Они явно старались сбить его со следа. Арабская одежда, лодка, плывущая на север, теперь Мецетти, который летит через всю Испанию к Пиренеям, тоже на север, с сотней тысяч долларов в кошельке. И все это – намеренная фальшивка, включая арабские одежды, которые можно расценить, пожалуй, как двойной обман? Стурка был умен, но был ли он до такой степени изощренным?

Женева, подумал Лайм, и еще эта ферма неподалеку от Альмерии, где приземлился Мецетти, собираясь там с кем-то встретиться.

В задаче было слишком много неизвестных. Оставалось только следовать фактам и надеяться, что Мецетти выведет их на цель.

Стурка, подумал он неохотно. Наверняка это он. Он заснул.

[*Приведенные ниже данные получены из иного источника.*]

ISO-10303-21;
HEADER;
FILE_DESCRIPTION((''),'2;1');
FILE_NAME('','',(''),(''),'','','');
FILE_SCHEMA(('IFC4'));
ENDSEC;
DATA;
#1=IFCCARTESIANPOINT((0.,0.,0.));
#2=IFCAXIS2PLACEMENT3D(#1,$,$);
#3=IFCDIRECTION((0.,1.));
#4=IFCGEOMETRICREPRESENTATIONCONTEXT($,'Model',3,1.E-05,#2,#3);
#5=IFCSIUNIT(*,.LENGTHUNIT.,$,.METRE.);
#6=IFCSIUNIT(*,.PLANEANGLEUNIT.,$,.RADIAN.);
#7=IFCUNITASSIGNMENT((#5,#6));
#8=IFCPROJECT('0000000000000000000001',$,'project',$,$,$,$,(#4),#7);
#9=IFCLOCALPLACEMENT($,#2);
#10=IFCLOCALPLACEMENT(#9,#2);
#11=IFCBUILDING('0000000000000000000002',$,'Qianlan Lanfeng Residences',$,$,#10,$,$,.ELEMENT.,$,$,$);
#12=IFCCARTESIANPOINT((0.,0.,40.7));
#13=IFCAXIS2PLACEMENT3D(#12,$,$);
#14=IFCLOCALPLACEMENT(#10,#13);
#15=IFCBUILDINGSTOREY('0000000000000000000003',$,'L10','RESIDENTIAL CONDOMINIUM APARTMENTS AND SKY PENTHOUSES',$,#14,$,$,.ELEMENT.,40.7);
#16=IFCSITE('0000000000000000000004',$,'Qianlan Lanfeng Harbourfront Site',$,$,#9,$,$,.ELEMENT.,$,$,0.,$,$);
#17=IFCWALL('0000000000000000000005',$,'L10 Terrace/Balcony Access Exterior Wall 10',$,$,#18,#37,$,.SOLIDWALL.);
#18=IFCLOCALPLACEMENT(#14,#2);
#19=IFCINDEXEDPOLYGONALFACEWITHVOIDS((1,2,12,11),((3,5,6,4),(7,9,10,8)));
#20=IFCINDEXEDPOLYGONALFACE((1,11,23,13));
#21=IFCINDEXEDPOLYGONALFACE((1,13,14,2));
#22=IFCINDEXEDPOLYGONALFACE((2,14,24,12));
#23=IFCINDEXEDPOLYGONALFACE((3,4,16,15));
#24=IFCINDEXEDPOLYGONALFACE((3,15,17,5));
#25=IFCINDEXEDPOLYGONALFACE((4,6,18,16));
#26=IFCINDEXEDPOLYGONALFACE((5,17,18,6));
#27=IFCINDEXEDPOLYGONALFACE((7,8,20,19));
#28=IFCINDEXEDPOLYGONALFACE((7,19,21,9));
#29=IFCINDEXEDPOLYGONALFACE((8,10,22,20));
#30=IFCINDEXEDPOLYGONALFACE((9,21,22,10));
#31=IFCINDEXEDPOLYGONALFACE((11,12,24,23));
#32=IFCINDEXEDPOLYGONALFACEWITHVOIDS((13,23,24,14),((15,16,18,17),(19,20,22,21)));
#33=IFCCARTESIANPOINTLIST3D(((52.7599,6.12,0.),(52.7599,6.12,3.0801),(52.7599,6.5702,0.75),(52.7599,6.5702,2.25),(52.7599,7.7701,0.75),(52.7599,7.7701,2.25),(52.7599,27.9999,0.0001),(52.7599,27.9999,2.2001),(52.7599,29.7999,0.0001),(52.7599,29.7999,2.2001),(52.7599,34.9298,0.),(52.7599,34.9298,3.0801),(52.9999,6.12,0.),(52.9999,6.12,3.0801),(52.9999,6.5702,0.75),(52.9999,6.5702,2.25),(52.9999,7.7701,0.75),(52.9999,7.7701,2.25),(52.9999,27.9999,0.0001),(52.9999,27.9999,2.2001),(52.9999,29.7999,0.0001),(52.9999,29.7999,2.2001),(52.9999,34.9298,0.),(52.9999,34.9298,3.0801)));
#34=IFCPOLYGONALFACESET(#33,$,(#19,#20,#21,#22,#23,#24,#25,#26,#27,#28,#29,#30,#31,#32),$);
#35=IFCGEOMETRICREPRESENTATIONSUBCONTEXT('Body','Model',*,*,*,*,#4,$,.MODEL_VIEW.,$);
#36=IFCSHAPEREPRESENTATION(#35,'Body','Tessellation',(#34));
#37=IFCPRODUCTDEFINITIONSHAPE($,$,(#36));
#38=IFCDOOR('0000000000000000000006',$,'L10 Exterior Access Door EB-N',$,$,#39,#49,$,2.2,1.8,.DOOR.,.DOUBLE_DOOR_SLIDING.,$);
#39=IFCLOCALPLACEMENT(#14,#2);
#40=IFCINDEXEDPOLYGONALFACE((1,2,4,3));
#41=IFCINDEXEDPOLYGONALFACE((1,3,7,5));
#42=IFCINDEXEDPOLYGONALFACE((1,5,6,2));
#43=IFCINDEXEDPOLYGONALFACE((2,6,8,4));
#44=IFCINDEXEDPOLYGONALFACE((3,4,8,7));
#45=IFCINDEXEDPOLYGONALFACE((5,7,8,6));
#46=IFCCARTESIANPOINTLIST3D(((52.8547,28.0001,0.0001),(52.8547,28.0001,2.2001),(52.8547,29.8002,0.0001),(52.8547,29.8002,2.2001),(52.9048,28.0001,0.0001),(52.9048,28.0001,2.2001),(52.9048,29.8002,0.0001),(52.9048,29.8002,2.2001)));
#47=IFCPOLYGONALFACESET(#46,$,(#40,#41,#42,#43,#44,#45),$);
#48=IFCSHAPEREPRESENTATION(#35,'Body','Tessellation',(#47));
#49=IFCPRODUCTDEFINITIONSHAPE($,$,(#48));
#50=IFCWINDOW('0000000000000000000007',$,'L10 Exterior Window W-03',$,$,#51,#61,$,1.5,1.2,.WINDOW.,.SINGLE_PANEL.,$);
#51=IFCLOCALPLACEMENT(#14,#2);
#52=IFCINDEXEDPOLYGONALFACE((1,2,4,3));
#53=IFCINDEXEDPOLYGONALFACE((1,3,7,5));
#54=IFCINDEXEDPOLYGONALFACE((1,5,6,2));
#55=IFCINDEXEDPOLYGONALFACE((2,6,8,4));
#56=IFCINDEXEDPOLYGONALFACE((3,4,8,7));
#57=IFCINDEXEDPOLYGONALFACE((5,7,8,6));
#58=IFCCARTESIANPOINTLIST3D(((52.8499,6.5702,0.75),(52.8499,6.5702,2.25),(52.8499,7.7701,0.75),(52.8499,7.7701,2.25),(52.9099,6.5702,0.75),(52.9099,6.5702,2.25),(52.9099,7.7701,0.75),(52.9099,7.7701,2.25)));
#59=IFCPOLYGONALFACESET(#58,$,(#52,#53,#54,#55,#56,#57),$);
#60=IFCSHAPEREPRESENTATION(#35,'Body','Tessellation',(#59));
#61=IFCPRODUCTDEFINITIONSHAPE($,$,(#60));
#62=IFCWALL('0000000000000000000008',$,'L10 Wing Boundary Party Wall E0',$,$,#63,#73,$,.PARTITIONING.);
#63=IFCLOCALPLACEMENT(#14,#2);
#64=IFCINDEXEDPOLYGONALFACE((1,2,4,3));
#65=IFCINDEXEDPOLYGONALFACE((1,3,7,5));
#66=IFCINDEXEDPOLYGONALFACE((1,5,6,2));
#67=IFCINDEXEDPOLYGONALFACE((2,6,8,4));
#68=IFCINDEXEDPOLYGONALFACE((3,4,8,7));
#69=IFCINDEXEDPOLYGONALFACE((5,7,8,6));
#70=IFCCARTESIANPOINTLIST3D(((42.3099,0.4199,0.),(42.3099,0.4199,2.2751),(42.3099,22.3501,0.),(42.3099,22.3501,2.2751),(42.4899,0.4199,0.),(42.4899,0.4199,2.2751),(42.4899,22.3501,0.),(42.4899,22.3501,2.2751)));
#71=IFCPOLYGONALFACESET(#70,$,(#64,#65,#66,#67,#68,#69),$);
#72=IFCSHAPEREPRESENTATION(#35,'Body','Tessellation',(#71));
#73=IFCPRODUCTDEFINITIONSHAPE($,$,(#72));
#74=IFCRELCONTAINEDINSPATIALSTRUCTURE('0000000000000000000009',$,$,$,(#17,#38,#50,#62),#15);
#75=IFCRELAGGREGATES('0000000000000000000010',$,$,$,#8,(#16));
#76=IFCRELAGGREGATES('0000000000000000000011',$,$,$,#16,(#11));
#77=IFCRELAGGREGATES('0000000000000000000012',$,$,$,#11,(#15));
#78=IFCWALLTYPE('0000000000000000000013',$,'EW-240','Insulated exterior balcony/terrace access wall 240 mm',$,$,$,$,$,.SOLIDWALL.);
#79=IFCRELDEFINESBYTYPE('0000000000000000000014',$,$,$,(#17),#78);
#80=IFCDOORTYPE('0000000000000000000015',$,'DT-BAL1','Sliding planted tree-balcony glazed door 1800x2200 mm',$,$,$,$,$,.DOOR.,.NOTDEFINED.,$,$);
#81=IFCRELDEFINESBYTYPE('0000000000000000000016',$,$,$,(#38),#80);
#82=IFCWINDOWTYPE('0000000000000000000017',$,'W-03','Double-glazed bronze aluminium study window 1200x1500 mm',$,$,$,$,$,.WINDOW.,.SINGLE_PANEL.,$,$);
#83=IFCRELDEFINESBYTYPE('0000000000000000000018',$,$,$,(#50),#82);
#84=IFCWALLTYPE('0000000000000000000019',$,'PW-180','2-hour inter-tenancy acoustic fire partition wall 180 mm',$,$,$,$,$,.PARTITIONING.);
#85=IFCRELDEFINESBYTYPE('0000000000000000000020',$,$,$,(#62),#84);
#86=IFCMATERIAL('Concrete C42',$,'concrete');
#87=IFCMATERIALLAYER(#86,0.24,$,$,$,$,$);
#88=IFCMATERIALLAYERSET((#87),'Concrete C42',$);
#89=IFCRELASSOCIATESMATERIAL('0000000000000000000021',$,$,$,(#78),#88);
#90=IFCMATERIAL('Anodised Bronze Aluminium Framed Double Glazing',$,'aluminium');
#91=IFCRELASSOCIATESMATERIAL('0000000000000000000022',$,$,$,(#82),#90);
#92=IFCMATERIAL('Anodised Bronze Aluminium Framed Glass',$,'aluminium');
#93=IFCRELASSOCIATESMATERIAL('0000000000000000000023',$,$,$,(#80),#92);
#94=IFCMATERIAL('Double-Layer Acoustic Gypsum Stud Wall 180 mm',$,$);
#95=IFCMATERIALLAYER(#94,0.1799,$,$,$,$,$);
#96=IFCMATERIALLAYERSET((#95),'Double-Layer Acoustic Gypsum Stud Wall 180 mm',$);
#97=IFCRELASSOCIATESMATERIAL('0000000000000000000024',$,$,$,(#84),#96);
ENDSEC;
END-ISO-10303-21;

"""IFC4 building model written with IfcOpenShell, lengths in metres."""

from ifc_helpers import new_model, si_unit, direction, frame, frame_2d, origin, place, context, subcontext, project, spatial, rectangle, extrude, material, layer, layer_set, type_object, element, fill, save


model = new_model("IFC4")

# Units and contexts
model_context = context("Model", 3, precision=1e-05, world=origin(), true_north=direction((0.0, 1.0)))
body_context = subcontext(model_context, "Body", "Model", "MODEL_VIEW")
ifc_project = project(units=[si_unit("LENGTHUNIT", "METRE"), si_unit("PLANEANGLEUNIT", "RADIAN")], contexts=[model_context])

# Site, building, storey
site_placement = place(None, origin())
site = spatial("IfcSite", under=ifc_project, at=site_placement, Name="Qianlan Lanfeng Harbourfront Site", CompositionType="ELEMENT", RefElevation=0.0)
building_placement = place(site_placement, origin())
building = spatial("IfcBuilding", under=site, at=building_placement, Name="Qianlan Lanfeng Residences", CompositionType="ELEMENT")
storey_placement = place(building_placement, frame((0.0, 0.0, 40.7)))
storey = spatial("IfcBuildingStorey", under=building, at=storey_placement, Name="L10", Description="RESIDENTIAL CONDOMINIUM APARTMENTS AND SKY PENTHOUSES", CompositionType="ELEMENT", Elevation=40.7)

# Shared definitions
ifc_material_1 = material(Name="Concrete C42", Category="concrete")
ifc_layer_1 = layer(ifc_material_1, 0.24)
ifc_layer_set_1 = layer_set([ifc_layer_1], Name="Concrete C42")
wall_type_1 = type_object("IfcWallType", Name="EW-240", Description="Insulated exterior balcony/terrace access wall 240 mm", PredefinedType="SOLIDWALL", material=ifc_layer_set_1)
ifc_material_2 = material(Name="Anodised Bronze Aluminium Framed Double Glazing", Category="aluminium")
window_type_1 = type_object("IfcWindowType", Name="W-03", Description="Double-glazed bronze aluminium study window 1200x1500 mm", PartitioningType="SINGLE_PANEL", PredefinedType="WINDOW", material=ifc_material_2)

# Wall, openings, door, window
wall_1_placement = place(storey_placement, frame((52.8799, 6.1201, 0.0), z_axis=(0.0, 0.0, 1.0), x_axis=(0.0, 1.0, 0.0)))
wall_1 = element("IfcWall", 1, at=wall_1_placement, inside=storey, type_object=wall_type_1, Name="L10 Terrace/Balcony Access Exterior Wall 10", PredefinedType="SOLIDWALL", context=body_context, shape_type="SweptSolid", body=[
    extrude(rectangle(XDim=28.8098, YDim=0.24, at=frame_2d((14.4048, 0.0))), origin(), (0.0, 0.0, 1.0), 3.0801),
])
opening_1_placement = place(wall_1_placement, frame((21.8799, 0.0, 0.0)))
opening_1 = element("IfcOpeningElement", 2, at=opening_1_placement, cuts=wall_1, PredefinedType="OPENING", context=body_context, shape_type="SweptSolid", body=[
    extrude(rectangle(XDim=1.8, YDim=2.2, at=frame_2d((0.8999, 1.1001))), frame((0.0, 0.1299, 0.0), z_axis=(0.0, -1.0, 0.0), x_axis=(1.0, 0.0, 0.0)), (0.0, 0.0, 1.0), 0.26),
])
opening_2_placement = place(wall_1_placement, frame((0.45, 0.0, 0.75)))
opening_2 = element("IfcOpeningElement", 3, at=opening_2_placement, cuts=wall_1, PredefinedType="OPENING", context=body_context, shape_type="SweptSolid", body=[
    extrude(rectangle(XDim=1.2, YDim=1.5, at=frame_2d((0.6001, 0.75))), frame((0.0, 0.1299, 0.0), z_axis=(0.0, -1.0, 0.0), x_axis=(1.0, 0.0, 0.0)), (0.0, 0.0, 1.0), 0.26),
])
ifc_material_3 = material(Name="Anodised Bronze Aluminium Framed Glass", Category="aluminium")
door_type = type_object("IfcDoorType", Name="DT-BAL1", Description="Sliding planted tree-balcony glazed door 1800x2200 mm", OperationType="NOTDEFINED", PredefinedType="DOOR", material=ifc_material_3)
door_placement = place(opening_1_placement, frame((1.8, 0.0, 0.0), z_axis=(0.0, 0.0, 1.0), x_axis=(-1.0, 0.0, 0.0)))
door = element("IfcDoor", 4, at=door_placement, inside=storey, type_object=door_type, Name="L10 Exterior Access Door EB-N", OperationType="DOUBLE_DOOR_SLIDING", OverallHeight=2.2, OverallWidth=1.8, PredefinedType="DOOR", context=body_context, shape_type="SweptSolid", body=[
    extrude(rectangle(XDim=1.8, YDim=2.2, at=frame_2d((0.8999, 1.1001))), frame((0.0, 0.0249, 0.0), z_axis=(0.0, -1.0, 0.0), x_axis=(1.0, 0.0, 0.0)), (0.0, 0.0, 1.0), 0.05),
])
fill(opening_1, door)
window_1_placement = place(opening_2_placement, origin())
window_1 = element("IfcWindow", 5, at=window_1_placement, inside=storey, type_object=window_type_1, Name="L10 Exterior Window W-03", OverallHeight=1.5, OverallWidth=1.2, PartitioningType="SINGLE_PANEL", PredefinedType="WINDOW", context=body_context, shape_type="SweptSolid", body=[
    extrude(rectangle(XDim=1.2, YDim=1.5, at=frame_2d((0.6001, 0.75))), frame((0.0, 0.03, 0.0), z_axis=(0.0, -1.0, 0.0), x_axis=(1.0, 0.0, 0.0)), (0.0, 0.0, 1.0), 0.0601),
])
fill(opening_2, window_1)

# Wall
ifc_material_4 = material(Name="Double-Layer Acoustic Gypsum Stud Wall 180 mm")
ifc_layer_2 = layer(ifc_material_4, 0.1799)
ifc_layer_set_2 = layer_set([ifc_layer_2], Name="Double-Layer Acoustic Gypsum Stud Wall 180 mm")
wall_type_2 = type_object("IfcWallType", Name="PW-180", Description="2-hour inter-tenancy acoustic fire partition wall 180 mm", PredefinedType="PARTITIONING", material=ifc_layer_set_2)
wall_2_placement = place(storey_placement, frame((42.3999, 0.4199, 0.0), z_axis=(0.0, 0.0, 1.0), x_axis=(0.0, 1.0, 0.0)))
element("IfcWall", 6, at=wall_2_placement, inside=storey, type_object=wall_type_2, Name="L10 Wing Boundary Party Wall E0", PredefinedType="PARTITIONING", context=body_context, shape_type="SweptSolid", body=[
    extrude(rectangle(XDim=21.9302, YDim=0.1799, at=frame_2d((10.9651, 0.0))), origin(), (0.0, 0.0, 1.0), 2.2751),
])

save(model, "model.ifc")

13.45, восточное стандартное время.

Саттертуэйт напряженно сидел в кресле, задрав вверх одно плечо и нервно потирая руки. Недавние образы проносились в его памяти: операционная, спины врачей, их напряженные глаза над марлевыми повязками, надувающаяся и опадающая сумка респирометра, ритмичные всплески зеленых линий на мониторе кардиографа, на которые все смотрели с надеждой и страхом, боясь, что кривая в любую секунду может превратиться в сплошную линию.

В Уолтер-Рид нейрохирурги просверливали отверстия в черепе Декстера Этриджа и делали бипареитальные надрезы. По последним данным, кровяное давление составляло восемьдесят на сорок, было подозрение на тромб.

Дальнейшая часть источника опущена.